With all that being said, I'm not satisfied with my football career being over with right now. It's kind of a cliche that every high school player says this after their senior season is over, but my case is somewhat different. Most players get four years with the same coach, same school and same system. Me... I didn't play sophomore year, got the boot from my old school after my junior year so I had to join a new team and play catch up with the team, both physically and in terms of knowing the plays. Honestly, I'm having difficulty coming to grips with the fact that I'll never play football again. I feel I could've been a pretty good player had I just played all four years of high school in one system, be it at Tilton or at North Andover High. 

Now I'm looking onto the field at Bryant Denny Stadium, visualizing 100,000 crazy fans, the marching band playing, the Crimson Tide football team comes storming out the tunnel... and there I am, number 85 on my helmet. I go out on kickoff coverage and make a tackle at the 23 yard line, I get up, pound my chest and point to the sky for my dad. Then after a 3 and out by Auburn, we line up on offense and there I am at tight end... flanked left, the QB motions me in with a leg raise... crack block on the d end, Boom, off to the races for TJ Yeldon. Touchdown Bama! 
Then I woke up...

The whole point of this is that first and foremost, I love football. Secondly, I have dreams. Not just the dreams where you wake up at the end, but the dreams that stem from goals set long ago by a little 14 year old kid at Doherty Middle School who didn't know the reality of how difficult it is to play division one football. Football is more than a sport to me, it's a way of life. In my darkest times in my life, it's kept me out of trouble, got me through the death of my dad, and also blessed me some amazing experiences and friendships along the way. Now for the real shocker, I'm still debating whether I should try and walk on to the Alabama football team and try to pull some kind of "Rudy" story. I've been taught to never give up on your goals, no matter how ridiculous or impossible they may. So right now, I'm setting a goal for myself to get onto the football team at the University of Alabama. I want to do this for myself, to prove that I can do it, and also, for my dad, because he never, ever gave up in his life, and neither should I. If my dad could beat testicular cancer at the age of 18, survive four heart attacks, and battle death for so many years... Why can't I make a football team? (that happens to be the best in the nation and has NFL talent everywhere, but who said it would be easy?)

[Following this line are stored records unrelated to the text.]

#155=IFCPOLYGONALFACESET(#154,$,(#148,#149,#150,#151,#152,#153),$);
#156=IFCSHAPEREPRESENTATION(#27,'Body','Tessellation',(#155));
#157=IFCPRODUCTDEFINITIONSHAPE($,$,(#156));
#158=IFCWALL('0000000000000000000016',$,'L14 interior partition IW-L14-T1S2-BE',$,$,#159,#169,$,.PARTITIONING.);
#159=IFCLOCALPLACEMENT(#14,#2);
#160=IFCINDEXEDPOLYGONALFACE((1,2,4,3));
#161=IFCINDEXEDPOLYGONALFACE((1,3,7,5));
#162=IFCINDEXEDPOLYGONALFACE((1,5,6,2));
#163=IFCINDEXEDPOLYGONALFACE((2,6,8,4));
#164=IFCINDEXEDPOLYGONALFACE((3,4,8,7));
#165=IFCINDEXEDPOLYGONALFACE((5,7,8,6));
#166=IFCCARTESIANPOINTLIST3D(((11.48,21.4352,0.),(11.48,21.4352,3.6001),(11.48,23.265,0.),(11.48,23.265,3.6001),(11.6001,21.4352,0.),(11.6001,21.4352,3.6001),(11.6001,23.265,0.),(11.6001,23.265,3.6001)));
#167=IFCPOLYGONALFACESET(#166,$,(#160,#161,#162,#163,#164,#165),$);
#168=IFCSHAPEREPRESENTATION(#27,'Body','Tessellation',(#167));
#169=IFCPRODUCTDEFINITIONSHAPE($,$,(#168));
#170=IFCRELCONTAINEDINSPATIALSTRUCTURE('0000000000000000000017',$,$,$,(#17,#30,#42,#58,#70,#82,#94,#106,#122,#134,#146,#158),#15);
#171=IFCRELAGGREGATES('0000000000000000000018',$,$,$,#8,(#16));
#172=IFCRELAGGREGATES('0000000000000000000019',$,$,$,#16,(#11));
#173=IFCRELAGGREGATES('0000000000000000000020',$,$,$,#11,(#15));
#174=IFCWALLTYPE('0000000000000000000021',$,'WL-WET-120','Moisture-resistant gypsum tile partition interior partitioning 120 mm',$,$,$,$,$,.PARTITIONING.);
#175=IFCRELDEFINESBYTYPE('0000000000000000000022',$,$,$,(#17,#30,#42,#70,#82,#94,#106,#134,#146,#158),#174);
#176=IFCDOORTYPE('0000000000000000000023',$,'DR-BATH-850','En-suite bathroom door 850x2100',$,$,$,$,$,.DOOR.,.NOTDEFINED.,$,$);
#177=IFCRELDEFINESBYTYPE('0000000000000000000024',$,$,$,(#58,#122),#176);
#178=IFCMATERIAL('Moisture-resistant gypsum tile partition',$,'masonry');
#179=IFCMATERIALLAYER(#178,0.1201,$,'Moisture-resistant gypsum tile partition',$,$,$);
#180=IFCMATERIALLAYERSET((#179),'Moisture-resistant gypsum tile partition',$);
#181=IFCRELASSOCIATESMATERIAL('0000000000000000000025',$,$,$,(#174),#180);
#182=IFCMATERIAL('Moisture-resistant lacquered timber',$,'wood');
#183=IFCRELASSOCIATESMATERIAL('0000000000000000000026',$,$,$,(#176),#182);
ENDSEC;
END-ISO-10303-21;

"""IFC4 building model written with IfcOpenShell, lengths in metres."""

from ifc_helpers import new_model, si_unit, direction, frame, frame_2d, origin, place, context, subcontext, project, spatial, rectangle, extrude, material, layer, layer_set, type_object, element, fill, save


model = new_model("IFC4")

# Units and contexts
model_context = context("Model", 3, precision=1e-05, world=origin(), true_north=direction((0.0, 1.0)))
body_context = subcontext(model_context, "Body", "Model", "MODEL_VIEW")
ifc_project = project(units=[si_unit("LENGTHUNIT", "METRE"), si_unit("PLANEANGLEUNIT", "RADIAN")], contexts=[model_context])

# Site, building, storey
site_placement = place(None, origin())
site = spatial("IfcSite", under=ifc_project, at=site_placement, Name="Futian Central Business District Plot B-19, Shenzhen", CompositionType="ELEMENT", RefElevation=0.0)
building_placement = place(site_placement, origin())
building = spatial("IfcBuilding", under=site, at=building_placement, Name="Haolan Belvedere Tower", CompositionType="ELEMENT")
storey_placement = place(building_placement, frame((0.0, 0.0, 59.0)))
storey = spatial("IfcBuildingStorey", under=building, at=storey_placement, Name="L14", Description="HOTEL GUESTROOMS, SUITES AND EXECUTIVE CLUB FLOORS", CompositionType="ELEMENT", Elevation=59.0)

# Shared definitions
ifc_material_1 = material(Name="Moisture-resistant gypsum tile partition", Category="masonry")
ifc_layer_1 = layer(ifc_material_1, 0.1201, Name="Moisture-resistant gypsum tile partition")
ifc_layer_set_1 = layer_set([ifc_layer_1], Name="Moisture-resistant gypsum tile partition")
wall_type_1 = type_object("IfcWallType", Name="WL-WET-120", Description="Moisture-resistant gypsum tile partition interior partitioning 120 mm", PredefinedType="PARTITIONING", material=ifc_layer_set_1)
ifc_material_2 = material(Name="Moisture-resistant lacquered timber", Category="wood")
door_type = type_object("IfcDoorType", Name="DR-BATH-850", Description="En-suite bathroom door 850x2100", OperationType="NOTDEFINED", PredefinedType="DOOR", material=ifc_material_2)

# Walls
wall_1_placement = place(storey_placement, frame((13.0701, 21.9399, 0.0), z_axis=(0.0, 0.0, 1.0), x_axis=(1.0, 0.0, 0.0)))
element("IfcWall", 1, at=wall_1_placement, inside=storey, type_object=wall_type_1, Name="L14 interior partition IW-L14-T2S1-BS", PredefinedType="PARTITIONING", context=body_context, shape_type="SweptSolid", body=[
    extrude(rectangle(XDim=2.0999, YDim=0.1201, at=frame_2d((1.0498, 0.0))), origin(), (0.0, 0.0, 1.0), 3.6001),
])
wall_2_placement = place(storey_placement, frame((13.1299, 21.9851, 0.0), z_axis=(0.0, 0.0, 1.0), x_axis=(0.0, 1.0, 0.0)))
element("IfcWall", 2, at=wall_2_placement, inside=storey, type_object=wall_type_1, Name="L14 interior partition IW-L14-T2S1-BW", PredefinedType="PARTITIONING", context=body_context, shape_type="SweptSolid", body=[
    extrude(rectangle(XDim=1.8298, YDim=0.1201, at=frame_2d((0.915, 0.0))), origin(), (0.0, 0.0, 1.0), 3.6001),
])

Where there's a will, there's a way. Through hard work, anything is possible. If I come up short, so be it, because I will know in my heart that I tried my hardest and worked for something... that is the ultimate satisfaction.


Thanks for Reading, God Bless, and Roll Tide
-RB

1 comment:

  1. I really enjoyed reading your post, you'll only know if you try right? I'm sure your Dad will be looking down and helping you out along the way too. Also, I heard back from Alabama a couple weeks ago and got in ( I'm still pumped). I really want to go but am between Bama and UMASS Amherst. Maybe I'll see you in Tuscaloosa.